Download or read book Intrinsic Freedom written by Peter Fenner and published by . This book was released on 1994-03-01 with total page 128 pages. Available in PDF, EPUB and Kindle. Book excerpt:

Book Intrinsic Freedom

    Book Details:
  • Author : Dr Peter Fenner
  • Publisher : Millennium Books (Au)
  • Release : 1994
  • ISBN : 9781864290004
  • Pages : 164 pages

Download or read book Intrinsic Freedom written by Dr Peter Fenner and published by Millennium Books (Au). This book was released on 1994 with total page 164 pages. Available in PDF, EPUB and Kindle. Book excerpt:

Book White Freedom

    Book Details:
  • Author : Tyler Stovall
  • Publisher : Princeton University Press
  • Release : 2022-08-23
  • ISBN : 069120537X
  • Pages : 456 pages

Download or read book White Freedom written by Tyler Stovall and published by Princeton University Press. This book was released on 2022-08-23 with total page 456 pages. Available in PDF, EPUB and Kindle. Book excerpt: The racist legacy behind the Western idea of freedom The era of the Enlightenment, which gave rise to our modern conceptions of freedom and democracy, was also the height of the trans-Atlantic slave trade. America, a nation founded on the principle of liberty, is also a nation built on African slavery, Native American genocide, and systematic racial discrimination. White Freedom traces the complex relationship between freedom and race from the eighteenth century to today, revealing how being free has meant being white. Tyler Stovall explores the intertwined histories of racism and freedom in France and the United States, the two leading nations that have claimed liberty as the heart of their national identities. He explores how French and American thinkers defined freedom in racial terms and conceived of liberty as an aspect and privilege of whiteness. He discusses how the Statue of Liberty—a gift from France to the United States and perhaps the most famous symbol of freedom on Earth—promised both freedom and whiteness to European immigrants.

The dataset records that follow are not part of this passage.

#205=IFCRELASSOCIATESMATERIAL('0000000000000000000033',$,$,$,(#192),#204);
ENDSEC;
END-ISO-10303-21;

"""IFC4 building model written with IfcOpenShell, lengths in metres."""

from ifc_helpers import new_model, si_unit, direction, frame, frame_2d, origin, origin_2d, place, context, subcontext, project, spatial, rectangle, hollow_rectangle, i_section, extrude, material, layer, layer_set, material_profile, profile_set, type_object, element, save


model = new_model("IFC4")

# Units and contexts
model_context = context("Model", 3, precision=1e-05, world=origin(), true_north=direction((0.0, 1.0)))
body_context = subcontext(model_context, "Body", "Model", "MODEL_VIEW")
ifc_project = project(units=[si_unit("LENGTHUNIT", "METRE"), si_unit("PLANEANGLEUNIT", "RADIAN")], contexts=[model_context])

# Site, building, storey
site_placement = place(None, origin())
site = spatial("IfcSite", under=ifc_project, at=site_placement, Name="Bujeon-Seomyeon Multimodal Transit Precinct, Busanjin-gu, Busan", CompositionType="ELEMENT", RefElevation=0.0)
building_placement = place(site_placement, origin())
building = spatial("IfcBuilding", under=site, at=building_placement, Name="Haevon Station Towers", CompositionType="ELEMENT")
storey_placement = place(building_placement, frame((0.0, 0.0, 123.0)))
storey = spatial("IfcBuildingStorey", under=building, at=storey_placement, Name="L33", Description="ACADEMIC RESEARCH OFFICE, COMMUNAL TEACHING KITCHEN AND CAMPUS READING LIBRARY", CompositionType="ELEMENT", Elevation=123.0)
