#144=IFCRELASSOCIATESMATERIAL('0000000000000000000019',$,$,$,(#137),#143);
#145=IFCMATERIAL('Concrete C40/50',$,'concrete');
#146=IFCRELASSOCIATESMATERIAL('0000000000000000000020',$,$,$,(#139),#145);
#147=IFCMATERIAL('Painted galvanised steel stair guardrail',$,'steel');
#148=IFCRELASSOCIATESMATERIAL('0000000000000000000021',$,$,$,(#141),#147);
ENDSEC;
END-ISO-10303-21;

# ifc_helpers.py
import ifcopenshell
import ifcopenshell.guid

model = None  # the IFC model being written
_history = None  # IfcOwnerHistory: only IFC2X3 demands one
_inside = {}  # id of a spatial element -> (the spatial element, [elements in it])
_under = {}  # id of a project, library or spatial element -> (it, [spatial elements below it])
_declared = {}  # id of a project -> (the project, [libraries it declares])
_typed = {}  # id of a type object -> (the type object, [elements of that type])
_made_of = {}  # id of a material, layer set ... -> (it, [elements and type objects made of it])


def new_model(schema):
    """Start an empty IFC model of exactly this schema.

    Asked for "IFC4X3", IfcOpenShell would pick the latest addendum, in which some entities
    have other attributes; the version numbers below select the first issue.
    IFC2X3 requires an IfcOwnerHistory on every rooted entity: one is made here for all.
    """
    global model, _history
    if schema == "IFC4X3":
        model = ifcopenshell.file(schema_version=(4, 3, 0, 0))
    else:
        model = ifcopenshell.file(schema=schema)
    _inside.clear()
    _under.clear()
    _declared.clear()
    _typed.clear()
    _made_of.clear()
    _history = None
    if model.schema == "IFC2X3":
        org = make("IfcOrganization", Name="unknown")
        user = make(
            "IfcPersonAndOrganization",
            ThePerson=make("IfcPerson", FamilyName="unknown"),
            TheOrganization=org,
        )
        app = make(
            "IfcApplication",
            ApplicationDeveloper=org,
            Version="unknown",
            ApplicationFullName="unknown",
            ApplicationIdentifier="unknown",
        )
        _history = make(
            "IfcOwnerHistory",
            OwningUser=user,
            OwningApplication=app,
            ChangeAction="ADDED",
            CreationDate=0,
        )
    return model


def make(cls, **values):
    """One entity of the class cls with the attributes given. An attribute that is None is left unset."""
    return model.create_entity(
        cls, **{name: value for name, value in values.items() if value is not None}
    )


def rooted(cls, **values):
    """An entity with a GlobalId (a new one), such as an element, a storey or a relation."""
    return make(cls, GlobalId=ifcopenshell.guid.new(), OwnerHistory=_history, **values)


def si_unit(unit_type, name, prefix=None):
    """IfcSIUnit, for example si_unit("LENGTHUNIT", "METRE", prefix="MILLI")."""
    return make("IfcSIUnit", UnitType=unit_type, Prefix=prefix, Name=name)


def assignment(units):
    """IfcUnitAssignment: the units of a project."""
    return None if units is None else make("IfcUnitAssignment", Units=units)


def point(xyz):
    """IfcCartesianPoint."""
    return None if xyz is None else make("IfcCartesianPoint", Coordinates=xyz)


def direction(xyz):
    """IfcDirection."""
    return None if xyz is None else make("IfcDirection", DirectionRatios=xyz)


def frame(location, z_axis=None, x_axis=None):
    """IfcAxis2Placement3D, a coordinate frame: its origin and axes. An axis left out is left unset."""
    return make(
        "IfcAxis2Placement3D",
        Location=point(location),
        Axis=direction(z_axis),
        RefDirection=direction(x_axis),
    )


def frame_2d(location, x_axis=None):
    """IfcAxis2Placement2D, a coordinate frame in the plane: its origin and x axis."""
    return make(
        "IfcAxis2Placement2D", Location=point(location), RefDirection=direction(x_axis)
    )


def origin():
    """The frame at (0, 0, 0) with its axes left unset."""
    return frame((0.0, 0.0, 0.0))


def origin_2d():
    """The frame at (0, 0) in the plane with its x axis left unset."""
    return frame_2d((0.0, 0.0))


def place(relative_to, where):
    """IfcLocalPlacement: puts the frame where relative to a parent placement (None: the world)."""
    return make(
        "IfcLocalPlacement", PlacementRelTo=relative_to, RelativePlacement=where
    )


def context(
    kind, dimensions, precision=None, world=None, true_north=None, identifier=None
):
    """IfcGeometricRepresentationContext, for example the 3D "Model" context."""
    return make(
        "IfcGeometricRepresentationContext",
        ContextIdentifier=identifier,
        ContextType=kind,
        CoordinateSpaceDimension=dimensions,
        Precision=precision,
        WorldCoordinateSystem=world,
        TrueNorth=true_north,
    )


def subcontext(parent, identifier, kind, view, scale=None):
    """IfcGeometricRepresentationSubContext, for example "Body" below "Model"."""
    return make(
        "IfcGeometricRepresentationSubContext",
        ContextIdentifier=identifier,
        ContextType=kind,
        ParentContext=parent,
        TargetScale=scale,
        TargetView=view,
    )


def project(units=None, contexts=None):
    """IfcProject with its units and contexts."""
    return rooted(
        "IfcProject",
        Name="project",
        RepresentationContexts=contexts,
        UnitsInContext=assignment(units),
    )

Taking readers from the Age of Revolution to today, Stovall challenges the notion that racism is somehow a paradox or contradiction within the democratic tradition, demonstrating how white identity is intrinsic to Western ideas about liberty. Throughout the history of modern Western liberal democracy, freedom has long been white freedom. A major work of scholarship that is certain to draw a wide readership and transform contemporary debates, White Freedom provides vital new perspectives on the inherent racism behind our most cherished beliefs about freedom, liberty, and human rights.

Book Freedom in Practice

Download or read book Freedom in Practice written by Moises Lino e Silva and published by Routledge. This book was released on 2016-11-25 with total page 312 pages. Available in PDF, EPUB and Kindle. Book excerpt: ‘Freedom’ is one of the most fiercely contested words in contemporary global experience. This book provides an up-to-date overview from an anthropological perspective of the diverse ways in which freedom is understood and practised in everyday life, including the emergent relationships between governance, autonomy and liberty. The contributors offer a wealth of ethnographic insight from a variety of geographic, cultural and political contexts. Taken together the essays constitute a radical challenge to assumptions about what freedom means in today’s world.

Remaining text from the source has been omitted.